Sent from my iPhone using Tapatalk


----------



## Railman (Jan 19, 2008)

One can not overlook the effect of stress. It seems to have more of effect on being tired even more as you age. It definately effects me more now than when I was in my 50's.
When in my 20's I burned candle at both ends, & in the middle with no problem!


----------



## hdavis (Feb 14, 2012)

If there were a real source for affordable NMN, a lot of this stuff may be reversible...

'
In studies on mice, NMN has shown to reverse age-related arterial dysfunction by decreasing oxidative stress.[5][6] A long-term study indicates that NMN can slow down the physiologic decline in ageing mice.[7] As a result, the older mice in the study have metabolism and energy levels resembling those of younger mice, with extended life spans. 
'
https://en.wikipedia.org/wiki/Nicotinamide_mononucleotide


----------



## Tinstaafl (Jan 6, 2008)

Yeah, Ponce de León didn't have much luck either.


----------



## hdavis (Feb 14, 2012)

Tinstaafl said:


> Yeah, Ponce de León didn't have much luck either.


What do you expect, he was in Florida.:whistling

Supposedly human trials are going forward. I'd be out of luck, my oldest son says I'm a robot.


----------



## Gladstone (Mar 15, 2017)

Same boat here. Gave up business a few years ago to go back to working in the field. Im a foreman but still do a lot of heavy lifting. I'm 47 this year and have experienced those same feelings and worries. I dropped some weight and started eating better. Also went for physical. Blood work and echocardiogram to see if my ticker is ok. Cholesterol is a b**ch. And if you eat meat or takeout you'll have it. Mine was slightly high and I don't eat much of either. This can lead to tiredness and that heart attack feeling. Get everything checked out- if for no other reason than piece of mind. Best of luck. Also stress can cause those things too. 

Sent from my SM-G930W8 using Tapatalk


----------



## FrankSmith (Feb 21, 2013)

NYgutterguy said:


> I knew early on I didn't have what it took to run a large business. Never dealt with stress well. I always wanted to be the guy who made 40% of 5-600k over the guy who made 10% of 2 mil. Simpler life.


I really like your business model. I move away from subbed jobs more every year. Windows, siding, soffit facia, and exterior trim is proving to be my sweet spot. I am not all the way there yet, but it keeps moving that way.


----------



## Jaws (Dec 20, 2010)

FrankSmith said:


> I really like your business model. I move away from subbed jobs more every year. Windows, siding, soffit facia, and exterior trim is proving to be my sweet spot. I am not all the way there yet, but it keeps moving that way.

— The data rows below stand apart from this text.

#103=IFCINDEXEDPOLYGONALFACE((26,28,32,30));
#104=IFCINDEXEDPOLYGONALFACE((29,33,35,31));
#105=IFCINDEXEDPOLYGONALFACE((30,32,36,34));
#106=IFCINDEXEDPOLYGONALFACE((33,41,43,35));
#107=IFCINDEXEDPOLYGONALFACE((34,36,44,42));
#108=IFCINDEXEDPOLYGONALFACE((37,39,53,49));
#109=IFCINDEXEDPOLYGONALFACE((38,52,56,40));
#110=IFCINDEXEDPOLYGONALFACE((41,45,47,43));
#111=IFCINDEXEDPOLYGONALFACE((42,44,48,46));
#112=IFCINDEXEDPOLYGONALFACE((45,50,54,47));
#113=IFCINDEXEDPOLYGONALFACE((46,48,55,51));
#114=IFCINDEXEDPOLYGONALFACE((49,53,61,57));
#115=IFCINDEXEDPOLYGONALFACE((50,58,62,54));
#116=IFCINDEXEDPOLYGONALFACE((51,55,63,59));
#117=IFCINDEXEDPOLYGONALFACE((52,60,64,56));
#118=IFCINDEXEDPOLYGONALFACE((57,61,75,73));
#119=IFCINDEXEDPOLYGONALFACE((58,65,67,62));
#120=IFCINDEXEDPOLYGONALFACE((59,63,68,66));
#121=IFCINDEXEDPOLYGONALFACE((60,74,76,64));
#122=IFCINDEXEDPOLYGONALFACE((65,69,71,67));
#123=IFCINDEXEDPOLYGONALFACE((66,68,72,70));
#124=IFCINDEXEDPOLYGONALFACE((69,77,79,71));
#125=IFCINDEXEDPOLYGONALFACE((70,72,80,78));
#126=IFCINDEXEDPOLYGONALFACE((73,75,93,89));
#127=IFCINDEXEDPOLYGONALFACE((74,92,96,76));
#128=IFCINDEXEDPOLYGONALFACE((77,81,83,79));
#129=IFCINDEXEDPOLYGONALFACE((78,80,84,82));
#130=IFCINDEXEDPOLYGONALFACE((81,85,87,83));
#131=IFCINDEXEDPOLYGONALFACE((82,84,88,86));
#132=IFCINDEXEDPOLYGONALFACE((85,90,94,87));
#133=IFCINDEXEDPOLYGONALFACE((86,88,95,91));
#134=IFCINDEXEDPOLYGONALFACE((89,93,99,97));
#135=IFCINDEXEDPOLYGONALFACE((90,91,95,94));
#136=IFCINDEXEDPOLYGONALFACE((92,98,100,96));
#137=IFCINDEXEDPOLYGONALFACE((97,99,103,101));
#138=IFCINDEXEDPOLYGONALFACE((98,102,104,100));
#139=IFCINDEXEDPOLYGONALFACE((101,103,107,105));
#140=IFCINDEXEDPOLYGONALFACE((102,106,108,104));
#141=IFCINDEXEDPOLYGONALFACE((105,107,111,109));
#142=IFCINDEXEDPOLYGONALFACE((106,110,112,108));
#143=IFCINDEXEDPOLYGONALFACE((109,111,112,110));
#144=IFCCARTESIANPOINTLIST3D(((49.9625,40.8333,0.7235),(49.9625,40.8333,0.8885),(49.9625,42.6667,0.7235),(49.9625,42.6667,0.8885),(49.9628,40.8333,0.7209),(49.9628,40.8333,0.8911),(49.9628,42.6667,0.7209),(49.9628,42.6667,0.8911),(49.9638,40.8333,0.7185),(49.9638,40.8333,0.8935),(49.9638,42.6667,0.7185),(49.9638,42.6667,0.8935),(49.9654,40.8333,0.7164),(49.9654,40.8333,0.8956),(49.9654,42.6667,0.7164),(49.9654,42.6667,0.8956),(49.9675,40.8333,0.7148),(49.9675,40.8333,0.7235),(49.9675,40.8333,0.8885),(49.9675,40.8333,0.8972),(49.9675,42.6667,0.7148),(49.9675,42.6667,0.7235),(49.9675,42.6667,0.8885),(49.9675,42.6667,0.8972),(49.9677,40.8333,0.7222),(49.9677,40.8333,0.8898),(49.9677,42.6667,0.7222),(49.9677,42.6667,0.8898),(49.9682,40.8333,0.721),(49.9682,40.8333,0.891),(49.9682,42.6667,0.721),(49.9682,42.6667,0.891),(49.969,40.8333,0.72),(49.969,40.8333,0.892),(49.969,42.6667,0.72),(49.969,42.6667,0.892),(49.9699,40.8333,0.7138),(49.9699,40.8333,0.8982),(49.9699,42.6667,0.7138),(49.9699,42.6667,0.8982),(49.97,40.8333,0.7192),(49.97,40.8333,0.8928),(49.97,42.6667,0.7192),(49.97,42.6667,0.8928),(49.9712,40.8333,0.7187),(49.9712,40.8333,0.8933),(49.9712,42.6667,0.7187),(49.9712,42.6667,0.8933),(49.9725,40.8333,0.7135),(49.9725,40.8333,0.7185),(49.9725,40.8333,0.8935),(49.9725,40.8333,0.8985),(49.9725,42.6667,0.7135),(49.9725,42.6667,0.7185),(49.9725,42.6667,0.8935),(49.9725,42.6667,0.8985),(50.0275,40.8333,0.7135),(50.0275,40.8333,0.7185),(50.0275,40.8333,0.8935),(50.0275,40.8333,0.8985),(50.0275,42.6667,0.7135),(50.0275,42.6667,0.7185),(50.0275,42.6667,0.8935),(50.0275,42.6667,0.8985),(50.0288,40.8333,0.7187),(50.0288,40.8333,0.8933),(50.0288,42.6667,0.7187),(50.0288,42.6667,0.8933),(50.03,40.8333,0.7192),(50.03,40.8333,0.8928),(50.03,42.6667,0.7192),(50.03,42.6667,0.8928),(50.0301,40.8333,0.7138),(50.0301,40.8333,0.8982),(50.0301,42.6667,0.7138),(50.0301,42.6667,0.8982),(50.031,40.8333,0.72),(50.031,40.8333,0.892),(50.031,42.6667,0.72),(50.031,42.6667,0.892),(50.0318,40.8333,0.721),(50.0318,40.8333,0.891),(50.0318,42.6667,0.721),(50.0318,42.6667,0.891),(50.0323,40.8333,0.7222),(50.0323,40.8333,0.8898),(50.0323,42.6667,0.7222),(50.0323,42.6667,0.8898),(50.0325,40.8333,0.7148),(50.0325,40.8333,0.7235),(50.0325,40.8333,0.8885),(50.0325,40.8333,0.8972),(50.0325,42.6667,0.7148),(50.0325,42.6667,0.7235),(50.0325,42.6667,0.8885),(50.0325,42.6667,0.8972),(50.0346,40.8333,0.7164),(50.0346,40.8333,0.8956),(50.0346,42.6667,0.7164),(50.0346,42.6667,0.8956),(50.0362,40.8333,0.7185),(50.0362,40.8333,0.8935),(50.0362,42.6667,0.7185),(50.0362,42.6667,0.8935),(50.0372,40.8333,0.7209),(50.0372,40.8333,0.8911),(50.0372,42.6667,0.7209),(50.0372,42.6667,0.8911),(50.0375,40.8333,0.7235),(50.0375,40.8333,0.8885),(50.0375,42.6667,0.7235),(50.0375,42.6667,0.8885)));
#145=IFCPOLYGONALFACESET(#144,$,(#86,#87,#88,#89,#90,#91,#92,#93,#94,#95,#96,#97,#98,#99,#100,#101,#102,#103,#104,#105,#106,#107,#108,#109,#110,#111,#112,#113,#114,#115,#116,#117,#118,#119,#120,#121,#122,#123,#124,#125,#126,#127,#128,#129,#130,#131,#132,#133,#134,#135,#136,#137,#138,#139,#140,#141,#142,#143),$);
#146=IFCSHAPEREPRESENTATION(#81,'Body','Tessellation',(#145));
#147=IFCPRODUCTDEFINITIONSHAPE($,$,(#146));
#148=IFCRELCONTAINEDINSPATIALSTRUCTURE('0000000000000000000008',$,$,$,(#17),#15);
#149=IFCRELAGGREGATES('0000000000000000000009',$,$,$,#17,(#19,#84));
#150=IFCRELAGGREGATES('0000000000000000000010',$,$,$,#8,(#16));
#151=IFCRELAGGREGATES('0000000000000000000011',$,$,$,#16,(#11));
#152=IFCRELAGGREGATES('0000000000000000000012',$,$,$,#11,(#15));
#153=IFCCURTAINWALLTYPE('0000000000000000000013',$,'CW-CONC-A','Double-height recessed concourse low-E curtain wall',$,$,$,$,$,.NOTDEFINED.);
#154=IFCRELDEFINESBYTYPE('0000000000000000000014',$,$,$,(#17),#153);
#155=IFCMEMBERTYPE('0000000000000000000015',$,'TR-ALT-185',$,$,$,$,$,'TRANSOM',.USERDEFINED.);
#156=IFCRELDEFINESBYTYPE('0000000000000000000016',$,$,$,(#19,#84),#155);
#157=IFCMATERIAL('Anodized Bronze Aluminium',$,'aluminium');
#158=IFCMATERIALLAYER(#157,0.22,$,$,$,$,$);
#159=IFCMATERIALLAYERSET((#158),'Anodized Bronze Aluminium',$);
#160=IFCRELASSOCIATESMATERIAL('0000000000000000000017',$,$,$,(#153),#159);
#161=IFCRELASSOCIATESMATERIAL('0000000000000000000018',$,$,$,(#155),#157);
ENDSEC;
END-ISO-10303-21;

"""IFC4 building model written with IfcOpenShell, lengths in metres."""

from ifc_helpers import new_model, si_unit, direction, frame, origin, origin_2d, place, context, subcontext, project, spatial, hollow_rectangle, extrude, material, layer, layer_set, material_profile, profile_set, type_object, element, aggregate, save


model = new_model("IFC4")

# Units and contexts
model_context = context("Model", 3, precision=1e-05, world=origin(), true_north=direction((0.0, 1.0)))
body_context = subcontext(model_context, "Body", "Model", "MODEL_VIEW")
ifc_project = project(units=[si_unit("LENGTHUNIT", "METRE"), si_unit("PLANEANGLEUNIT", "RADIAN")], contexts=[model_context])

Like Mike (Cali) says, the more you specialize the easier it is to become more profitable. Sweet setup for sure


----------



## jimbobarino (Nov 25, 2015)

I'm sure stress has a lot to do with it. Have had to let an employee go, spent more time fixing his work. This has put me in the field more often so there is more to do. I don't mind the mix actually but I am buried. Got an appointment set up middle of the week. See what happens.


----------



## greg24k (May 19, 2007)

I'm a strong believer "if it's not broken, don't fix it" and if something got out of whack I took care of it the old fashion way and unless if there was a serious issue I would go see a doctor (thank god there was no need to do that). 
One thing I hate about doctors and I can this when it comes to my kids if something happens, a cold, etc my wife drags them to the doctor and all the doctors do is push antibiotics or some other cold medicine that they got a promotion on from a drug company.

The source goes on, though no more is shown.